Federal Reserve Chairman Jerome Powell told Princeton University graduates on Sunday that he didn't major in economics as a student because, at the time, he found the subject "boring and useless."

As Powell gave the Baccalaureate address at Princeton, where he graduated with a degree in politics, he recounted his path to a career that included the private sector and government service.

"I had no real plan for life after Princeton," he said. "Many of my classmates and friends went straight into prestigious graduate schools, politics, or Wall Street. Others went on to global capitals, the military, or the Peace Corps."

He continued: "I had brushed off my parents' one academic suggestion, which was to major in economics, which struck me as boring and useless. After 13 years at the Fed, I admit I was wrong about that."

Powell then spoke about life after Princeton and how it set him up for his future.

"After graduation, I had no plan and no job, and wound up putting labels on shelves in a warehouse for six months. I didn't feel great about that," he said. "In hindsight, that time in the warehouse was a blessing, and exactly what I needed. The next fall I entered law school, and for the first time I was highly resolved to make the most of the opportunity."

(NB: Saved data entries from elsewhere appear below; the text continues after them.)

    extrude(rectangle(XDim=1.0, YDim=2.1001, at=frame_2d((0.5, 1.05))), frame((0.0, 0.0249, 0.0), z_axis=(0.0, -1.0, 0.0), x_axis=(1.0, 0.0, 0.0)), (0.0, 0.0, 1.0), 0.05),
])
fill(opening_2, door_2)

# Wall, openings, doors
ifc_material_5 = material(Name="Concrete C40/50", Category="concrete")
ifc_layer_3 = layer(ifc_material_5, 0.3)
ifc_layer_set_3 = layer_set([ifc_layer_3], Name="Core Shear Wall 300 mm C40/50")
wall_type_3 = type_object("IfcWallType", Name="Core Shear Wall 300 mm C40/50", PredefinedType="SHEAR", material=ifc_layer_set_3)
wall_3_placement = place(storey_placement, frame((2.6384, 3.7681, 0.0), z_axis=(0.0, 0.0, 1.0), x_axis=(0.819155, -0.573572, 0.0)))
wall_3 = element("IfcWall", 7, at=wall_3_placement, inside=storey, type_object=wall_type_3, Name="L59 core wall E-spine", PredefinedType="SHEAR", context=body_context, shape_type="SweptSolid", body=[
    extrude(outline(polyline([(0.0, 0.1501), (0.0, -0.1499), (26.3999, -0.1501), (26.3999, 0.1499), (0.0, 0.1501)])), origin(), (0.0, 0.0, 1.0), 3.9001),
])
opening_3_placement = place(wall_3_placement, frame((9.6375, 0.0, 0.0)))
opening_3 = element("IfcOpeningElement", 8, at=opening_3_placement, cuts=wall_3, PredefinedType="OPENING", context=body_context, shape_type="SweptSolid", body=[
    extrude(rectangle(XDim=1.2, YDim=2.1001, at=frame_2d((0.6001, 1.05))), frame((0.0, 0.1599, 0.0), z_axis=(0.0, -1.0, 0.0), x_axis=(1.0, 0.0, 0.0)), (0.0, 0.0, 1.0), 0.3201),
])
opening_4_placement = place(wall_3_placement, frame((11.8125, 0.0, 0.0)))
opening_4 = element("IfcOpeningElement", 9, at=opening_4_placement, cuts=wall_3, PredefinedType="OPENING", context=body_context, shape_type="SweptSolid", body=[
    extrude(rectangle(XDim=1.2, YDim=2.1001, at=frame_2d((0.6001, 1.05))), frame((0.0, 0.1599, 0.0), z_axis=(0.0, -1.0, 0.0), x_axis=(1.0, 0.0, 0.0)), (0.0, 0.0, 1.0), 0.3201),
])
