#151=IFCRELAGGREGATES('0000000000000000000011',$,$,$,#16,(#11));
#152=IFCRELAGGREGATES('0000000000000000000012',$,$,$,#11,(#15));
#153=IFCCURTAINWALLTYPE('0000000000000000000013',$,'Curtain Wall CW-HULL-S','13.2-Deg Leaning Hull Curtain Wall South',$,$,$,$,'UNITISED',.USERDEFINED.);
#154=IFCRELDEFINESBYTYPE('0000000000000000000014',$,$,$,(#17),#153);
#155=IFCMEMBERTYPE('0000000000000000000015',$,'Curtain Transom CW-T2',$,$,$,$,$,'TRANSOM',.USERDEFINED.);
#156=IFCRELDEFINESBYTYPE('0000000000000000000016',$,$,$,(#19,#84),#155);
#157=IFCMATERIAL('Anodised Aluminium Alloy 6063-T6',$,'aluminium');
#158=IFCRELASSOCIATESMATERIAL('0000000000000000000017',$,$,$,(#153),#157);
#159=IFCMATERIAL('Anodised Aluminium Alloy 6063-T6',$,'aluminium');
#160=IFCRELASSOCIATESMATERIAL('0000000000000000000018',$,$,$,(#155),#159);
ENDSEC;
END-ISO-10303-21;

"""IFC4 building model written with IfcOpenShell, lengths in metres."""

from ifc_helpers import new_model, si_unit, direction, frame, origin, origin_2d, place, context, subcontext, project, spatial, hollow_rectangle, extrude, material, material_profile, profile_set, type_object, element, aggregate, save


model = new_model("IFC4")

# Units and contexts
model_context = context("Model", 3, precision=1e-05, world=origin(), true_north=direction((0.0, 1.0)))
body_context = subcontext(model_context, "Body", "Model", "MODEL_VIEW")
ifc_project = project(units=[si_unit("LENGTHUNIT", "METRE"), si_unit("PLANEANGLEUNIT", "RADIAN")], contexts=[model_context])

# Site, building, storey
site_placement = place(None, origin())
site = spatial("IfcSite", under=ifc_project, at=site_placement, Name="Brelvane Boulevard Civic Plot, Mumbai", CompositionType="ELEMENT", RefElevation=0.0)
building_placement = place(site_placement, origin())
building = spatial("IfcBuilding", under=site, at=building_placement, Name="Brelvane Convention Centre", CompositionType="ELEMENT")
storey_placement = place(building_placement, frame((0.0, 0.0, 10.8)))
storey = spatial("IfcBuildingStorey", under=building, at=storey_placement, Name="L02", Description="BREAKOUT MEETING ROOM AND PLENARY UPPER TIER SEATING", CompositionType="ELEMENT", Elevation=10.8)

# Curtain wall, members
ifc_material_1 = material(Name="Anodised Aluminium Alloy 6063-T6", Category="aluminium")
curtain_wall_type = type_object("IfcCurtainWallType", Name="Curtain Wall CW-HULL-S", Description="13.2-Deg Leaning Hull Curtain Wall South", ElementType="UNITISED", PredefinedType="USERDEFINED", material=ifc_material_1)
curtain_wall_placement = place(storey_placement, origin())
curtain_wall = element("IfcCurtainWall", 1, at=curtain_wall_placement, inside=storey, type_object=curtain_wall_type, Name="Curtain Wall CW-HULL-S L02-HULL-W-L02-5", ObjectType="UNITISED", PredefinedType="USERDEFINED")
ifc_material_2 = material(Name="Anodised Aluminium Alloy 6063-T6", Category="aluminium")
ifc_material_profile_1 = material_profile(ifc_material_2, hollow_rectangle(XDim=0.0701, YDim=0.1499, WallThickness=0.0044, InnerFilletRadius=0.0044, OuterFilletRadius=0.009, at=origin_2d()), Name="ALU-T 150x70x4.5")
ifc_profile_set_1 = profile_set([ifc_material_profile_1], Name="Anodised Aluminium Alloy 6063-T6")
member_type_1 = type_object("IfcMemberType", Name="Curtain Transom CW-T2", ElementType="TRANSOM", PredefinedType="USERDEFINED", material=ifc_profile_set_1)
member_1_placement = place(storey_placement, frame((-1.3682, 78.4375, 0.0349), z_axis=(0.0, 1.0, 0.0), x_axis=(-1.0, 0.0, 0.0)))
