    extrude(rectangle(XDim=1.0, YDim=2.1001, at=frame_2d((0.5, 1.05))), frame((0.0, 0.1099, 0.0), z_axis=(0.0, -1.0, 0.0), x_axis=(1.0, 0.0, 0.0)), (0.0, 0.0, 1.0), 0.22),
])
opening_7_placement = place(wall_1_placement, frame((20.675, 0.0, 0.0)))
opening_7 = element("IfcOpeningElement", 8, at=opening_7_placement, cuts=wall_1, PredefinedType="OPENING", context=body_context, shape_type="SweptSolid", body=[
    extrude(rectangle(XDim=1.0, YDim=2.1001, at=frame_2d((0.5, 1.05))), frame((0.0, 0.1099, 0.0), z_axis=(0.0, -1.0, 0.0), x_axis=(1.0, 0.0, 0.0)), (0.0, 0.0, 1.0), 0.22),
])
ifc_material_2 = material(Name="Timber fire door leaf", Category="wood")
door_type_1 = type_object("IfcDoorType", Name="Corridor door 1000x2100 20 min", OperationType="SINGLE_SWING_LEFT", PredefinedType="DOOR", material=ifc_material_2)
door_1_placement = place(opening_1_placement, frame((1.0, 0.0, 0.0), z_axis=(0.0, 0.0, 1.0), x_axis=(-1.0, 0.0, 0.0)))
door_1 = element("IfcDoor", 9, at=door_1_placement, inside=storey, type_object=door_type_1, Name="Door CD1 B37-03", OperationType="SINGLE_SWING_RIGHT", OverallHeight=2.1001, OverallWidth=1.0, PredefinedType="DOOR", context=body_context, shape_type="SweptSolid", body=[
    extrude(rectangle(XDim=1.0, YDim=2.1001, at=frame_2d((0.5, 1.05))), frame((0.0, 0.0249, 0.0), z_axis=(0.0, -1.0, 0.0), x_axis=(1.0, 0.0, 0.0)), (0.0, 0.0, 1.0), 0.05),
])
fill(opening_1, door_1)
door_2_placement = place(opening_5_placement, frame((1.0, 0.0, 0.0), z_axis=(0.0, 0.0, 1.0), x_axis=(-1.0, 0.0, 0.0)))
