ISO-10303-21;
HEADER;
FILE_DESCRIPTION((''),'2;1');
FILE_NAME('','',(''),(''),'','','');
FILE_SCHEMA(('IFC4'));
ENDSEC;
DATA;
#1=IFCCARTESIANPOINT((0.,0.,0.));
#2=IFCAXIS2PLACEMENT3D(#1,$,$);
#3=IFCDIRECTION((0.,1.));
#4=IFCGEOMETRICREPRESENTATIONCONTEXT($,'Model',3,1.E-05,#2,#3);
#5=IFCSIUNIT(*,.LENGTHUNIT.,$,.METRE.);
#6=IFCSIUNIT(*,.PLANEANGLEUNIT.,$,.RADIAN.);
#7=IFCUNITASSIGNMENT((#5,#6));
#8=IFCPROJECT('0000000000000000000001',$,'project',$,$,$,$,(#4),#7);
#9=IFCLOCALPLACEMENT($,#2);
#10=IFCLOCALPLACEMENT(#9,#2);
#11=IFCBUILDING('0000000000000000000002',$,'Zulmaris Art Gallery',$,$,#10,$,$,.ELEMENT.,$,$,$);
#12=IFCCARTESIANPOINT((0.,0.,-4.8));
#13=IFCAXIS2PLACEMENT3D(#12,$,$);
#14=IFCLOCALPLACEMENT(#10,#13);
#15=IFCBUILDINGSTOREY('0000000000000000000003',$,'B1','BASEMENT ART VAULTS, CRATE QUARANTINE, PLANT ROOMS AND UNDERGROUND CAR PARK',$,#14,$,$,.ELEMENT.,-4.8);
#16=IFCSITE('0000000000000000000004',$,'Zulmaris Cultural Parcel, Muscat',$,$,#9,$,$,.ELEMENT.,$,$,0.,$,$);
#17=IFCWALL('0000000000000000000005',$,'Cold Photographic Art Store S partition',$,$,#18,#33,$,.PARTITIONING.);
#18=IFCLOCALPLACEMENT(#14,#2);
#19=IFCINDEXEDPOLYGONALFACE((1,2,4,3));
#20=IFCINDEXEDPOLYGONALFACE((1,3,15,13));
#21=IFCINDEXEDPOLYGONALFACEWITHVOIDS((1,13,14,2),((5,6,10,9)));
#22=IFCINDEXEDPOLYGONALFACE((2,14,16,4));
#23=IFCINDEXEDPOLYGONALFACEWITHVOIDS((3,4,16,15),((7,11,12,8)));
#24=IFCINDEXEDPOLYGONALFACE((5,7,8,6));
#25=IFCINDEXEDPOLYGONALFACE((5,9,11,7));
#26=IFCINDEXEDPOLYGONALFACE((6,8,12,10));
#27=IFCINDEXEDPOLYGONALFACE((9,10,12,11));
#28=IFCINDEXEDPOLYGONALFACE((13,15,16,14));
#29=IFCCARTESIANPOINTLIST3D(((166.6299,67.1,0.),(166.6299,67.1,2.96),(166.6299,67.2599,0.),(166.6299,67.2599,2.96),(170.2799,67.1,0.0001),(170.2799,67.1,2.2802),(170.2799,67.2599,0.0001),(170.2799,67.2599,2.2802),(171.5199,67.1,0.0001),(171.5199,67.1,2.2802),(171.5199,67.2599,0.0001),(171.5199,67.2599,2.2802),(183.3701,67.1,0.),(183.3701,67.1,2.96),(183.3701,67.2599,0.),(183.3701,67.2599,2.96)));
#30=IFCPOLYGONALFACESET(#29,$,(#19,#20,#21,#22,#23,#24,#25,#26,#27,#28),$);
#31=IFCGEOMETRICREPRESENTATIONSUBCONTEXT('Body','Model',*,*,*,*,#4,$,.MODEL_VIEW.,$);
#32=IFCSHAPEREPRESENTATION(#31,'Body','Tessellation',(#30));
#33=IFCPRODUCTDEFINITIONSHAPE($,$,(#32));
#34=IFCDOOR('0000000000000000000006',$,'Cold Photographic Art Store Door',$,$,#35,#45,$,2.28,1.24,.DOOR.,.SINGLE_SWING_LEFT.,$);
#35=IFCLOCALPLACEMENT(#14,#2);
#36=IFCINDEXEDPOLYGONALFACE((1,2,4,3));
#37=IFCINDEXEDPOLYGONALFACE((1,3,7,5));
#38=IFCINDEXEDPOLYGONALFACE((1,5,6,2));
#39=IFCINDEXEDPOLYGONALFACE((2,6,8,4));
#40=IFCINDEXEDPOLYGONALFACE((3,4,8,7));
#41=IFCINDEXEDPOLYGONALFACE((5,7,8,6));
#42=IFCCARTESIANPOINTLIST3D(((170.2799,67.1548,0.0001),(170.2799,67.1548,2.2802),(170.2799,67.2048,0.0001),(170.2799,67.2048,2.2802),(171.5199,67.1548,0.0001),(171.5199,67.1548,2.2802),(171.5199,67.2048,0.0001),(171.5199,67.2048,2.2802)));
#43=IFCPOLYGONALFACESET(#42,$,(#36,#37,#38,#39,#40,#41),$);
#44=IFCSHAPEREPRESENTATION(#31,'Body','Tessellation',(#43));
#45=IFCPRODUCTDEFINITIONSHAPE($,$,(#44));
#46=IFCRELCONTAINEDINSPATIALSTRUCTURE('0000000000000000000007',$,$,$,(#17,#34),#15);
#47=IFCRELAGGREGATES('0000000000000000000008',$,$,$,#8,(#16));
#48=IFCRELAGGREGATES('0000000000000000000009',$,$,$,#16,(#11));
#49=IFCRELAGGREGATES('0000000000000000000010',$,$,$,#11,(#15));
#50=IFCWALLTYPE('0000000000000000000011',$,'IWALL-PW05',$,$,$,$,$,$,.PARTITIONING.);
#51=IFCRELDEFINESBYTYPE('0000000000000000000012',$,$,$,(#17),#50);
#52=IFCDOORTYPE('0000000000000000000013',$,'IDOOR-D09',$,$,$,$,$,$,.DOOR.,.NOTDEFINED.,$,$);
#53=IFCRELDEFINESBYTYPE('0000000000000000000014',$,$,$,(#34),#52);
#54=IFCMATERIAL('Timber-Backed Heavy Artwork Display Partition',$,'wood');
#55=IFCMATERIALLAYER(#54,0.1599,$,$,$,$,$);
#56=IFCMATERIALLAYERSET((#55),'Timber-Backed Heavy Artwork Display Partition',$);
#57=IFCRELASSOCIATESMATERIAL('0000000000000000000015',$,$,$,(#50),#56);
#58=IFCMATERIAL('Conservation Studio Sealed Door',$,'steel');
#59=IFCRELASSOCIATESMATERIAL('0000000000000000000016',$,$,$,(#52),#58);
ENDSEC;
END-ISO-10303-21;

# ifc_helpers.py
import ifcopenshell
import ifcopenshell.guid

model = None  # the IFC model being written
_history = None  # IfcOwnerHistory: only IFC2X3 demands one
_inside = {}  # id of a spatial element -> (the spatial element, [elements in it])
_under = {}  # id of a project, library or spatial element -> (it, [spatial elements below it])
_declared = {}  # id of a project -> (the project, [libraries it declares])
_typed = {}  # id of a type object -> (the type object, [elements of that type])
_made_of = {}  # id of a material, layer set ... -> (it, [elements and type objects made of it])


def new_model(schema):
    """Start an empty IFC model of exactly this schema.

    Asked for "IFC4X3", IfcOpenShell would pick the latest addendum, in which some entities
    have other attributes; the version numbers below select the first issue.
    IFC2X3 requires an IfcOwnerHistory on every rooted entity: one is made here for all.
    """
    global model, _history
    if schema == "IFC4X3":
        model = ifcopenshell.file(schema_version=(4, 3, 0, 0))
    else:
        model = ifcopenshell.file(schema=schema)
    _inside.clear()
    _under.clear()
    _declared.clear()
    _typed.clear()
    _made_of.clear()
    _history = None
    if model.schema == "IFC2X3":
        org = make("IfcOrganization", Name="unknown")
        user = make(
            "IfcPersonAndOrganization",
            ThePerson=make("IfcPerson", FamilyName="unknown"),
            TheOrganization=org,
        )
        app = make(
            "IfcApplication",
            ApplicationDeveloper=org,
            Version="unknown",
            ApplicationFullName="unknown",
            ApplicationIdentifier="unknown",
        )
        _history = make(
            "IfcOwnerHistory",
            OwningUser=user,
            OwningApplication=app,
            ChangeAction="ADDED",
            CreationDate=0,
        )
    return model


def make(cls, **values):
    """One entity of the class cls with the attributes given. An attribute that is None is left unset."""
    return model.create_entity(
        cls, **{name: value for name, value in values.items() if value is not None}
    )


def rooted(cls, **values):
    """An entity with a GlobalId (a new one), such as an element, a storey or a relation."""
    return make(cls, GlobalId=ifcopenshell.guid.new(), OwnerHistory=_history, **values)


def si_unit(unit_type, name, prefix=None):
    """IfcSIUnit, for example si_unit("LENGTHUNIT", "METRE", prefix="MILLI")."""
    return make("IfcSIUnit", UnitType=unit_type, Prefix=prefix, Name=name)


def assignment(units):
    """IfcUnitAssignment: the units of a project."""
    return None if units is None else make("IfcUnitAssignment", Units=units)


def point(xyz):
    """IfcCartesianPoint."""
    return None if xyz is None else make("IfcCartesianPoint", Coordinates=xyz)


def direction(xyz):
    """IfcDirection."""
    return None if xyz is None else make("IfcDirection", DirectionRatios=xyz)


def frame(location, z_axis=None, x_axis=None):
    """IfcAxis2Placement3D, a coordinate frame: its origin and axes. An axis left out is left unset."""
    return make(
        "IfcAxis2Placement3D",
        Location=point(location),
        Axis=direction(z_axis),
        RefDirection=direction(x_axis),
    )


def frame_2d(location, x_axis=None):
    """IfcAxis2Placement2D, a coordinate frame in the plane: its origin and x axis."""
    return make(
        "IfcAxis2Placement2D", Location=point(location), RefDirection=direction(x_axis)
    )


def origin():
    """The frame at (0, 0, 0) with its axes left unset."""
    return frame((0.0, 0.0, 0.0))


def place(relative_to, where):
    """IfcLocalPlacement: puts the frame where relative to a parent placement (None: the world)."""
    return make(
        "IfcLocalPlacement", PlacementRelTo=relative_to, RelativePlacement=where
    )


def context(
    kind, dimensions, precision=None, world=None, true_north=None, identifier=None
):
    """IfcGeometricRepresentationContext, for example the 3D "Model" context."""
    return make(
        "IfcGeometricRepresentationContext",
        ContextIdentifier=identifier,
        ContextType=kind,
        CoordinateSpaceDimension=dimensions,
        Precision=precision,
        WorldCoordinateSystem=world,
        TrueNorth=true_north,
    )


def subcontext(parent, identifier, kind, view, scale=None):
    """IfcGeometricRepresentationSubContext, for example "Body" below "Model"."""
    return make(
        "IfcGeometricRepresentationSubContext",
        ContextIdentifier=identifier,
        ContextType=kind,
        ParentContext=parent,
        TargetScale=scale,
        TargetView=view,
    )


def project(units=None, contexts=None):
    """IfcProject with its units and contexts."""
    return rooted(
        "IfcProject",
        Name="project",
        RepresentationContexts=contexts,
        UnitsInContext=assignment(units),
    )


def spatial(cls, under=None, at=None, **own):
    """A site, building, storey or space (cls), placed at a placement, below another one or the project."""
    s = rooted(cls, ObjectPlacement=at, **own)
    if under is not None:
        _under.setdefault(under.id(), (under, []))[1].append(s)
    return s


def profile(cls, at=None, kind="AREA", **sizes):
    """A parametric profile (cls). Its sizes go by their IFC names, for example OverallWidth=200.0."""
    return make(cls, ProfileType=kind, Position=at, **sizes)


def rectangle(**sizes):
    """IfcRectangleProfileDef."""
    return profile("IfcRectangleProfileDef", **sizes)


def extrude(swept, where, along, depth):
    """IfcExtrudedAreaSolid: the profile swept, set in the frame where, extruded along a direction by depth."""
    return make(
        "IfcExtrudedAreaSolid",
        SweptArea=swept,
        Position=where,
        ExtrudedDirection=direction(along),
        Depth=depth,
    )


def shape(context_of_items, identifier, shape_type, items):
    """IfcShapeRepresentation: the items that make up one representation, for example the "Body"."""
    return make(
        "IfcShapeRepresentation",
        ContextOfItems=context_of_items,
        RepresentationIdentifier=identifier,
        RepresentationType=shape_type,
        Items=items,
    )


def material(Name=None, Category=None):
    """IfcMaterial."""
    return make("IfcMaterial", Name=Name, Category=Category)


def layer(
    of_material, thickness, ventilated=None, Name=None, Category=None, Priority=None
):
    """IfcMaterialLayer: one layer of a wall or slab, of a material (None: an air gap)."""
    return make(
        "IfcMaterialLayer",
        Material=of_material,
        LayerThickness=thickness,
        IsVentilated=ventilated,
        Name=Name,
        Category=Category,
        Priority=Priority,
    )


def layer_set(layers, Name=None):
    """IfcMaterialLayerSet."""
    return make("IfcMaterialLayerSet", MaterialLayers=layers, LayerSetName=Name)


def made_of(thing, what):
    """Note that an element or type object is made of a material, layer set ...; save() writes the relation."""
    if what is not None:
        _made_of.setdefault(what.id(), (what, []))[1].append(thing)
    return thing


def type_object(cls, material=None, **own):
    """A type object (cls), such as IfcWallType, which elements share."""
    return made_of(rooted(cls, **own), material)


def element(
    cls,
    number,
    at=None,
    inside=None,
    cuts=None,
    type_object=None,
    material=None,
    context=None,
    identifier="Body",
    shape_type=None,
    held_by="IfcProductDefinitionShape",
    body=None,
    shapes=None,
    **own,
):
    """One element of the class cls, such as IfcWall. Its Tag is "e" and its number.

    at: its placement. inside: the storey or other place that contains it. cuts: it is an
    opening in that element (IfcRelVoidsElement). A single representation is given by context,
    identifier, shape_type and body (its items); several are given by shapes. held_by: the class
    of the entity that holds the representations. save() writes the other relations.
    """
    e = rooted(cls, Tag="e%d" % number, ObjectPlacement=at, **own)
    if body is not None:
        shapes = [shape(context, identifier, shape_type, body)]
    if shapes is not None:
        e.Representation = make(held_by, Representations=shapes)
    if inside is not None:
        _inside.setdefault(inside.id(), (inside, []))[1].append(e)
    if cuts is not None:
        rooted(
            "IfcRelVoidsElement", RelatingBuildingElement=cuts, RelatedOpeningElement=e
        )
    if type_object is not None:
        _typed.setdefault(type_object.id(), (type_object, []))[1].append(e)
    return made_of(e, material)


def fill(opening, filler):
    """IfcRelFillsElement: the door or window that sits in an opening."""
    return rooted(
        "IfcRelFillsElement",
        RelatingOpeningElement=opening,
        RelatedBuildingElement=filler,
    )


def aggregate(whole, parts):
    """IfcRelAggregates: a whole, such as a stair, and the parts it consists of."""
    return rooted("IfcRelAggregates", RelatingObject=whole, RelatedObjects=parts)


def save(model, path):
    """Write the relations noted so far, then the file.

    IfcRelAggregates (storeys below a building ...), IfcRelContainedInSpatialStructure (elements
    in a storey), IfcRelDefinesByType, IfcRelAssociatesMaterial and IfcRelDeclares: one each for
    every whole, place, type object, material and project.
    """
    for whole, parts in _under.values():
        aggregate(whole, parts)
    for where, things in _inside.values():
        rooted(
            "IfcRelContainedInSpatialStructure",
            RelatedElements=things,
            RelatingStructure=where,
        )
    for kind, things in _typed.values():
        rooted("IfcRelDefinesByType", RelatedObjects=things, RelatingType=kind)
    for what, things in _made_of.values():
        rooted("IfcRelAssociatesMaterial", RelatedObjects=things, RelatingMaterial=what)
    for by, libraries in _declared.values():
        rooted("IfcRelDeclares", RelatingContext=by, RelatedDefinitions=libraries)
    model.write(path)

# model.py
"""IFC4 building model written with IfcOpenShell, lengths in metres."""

from ifc_helpers import new_model, si_unit, direction, frame, frame_2d, origin, place, context, subcontext, project, spatial, rectangle, extrude, material, layer, layer_set, type_object, element, fill, save


model = new_model("IFC4")

# Units and contexts
model_context = context("Model", 3, precision=1e-05, world=origin(), true_north=direction((0.0, 1.0)))
body_context = subcontext(model_context, "Body", "Model", "MODEL_VIEW")
ifc_project = project(units=[si_unit("LENGTHUNIT", "METRE"), si_unit("PLANEANGLEUNIT", "RADIAN")], contexts=[model_context])

# Site, building, storey
site_placement = place(None, origin())
site = spatial("IfcSite", under=ifc_project, at=site_placement, Name="Zulmaris Cultural Parcel, Muscat", CompositionType="ELEMENT", RefElevation=0.0)
building_placement = place(site_placement, origin())
building = spatial("IfcBuilding", under=site, at=building_placement, Name="Zulmaris Art Gallery", CompositionType="ELEMENT")
storey_placement = place(building_placement, frame((0.0, 0.0, -4.8)))
storey = spatial("IfcBuildingStorey", under=building, at=storey_placement, Name="B1", Description="BASEMENT ART VAULTS, CRATE QUARANTINE, PLANT ROOMS AND UNDERGROUND CAR PARK", CompositionType="ELEMENT", Elevation=-4.8)

# Wall, opening, door
ifc_material_1 = material(Name="Timber-Backed Heavy Artwork Display Partition", Category="wood")
ifc_layer = layer(ifc_material_1, 0.1599)
ifc_layer_set = layer_set([ifc_layer], Name="Timber-Backed Heavy Artwork Display Partition")
wall_type = type_object("IfcWallType", Name="IWALL-PW05", PredefinedType="PARTITIONING", material=ifc_layer_set)
wall_placement = place(storey_placement, frame((166.6299, 67.1799, 0.0), z_axis=(0.0, 0.0, 1.0), x_axis=(1.0, 0.0, 0.0)))
wall = element("IfcWall", 1, at=wall_placement, inside=storey, type_object=wall_type, Name="Cold Photographic Art Store S partition", PredefinedType="PARTITIONING", context=body_context, shape_type="SweptSolid", body=[
    extrude(rectangle(XDim=16.7402, YDim=0.1599, at=frame_2d((8.3701, 0.0))), origin(), (0.0, 0.0, 1.0), 2.96),
])
opening_placement = place(wall_placement, frame((3.6499, 0.0, 0.0)))
opening = element("IfcOpeningElement", 2, at=opening_placement, cuts=wall, PredefinedType="OPENING", context=body_context, shape_type="SweptSolid", body=[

Powell attended law school at Georgetown University and later worked in investment banking and at the Treasury Department.

In 2011, then-President Barack Obama nominated Powell to the Federal Reserve Board of Governors, and Powell joined the board in 2012 after the Senate confirmed his nomination. In 2017, President Donald Trump nominated Powell to serve as chair, and in 2021, then-President Joe Biden renominated Powell as chair.

In recent months, Trump has publicly griped about Powell. In April, he said he was "not happy" with the Federal Reserve chair, in part because Powell has not lowered interest rates this year.

That same month, Trump posted on his Truth Social platform, "Powell's termination cannot come fast enough!"

Trump later said he had "no intention" of firing Powell. Last November, Powell said he wouldn't leave his post even if Trump asked him to.

"Not permitted under the law," he said at the time.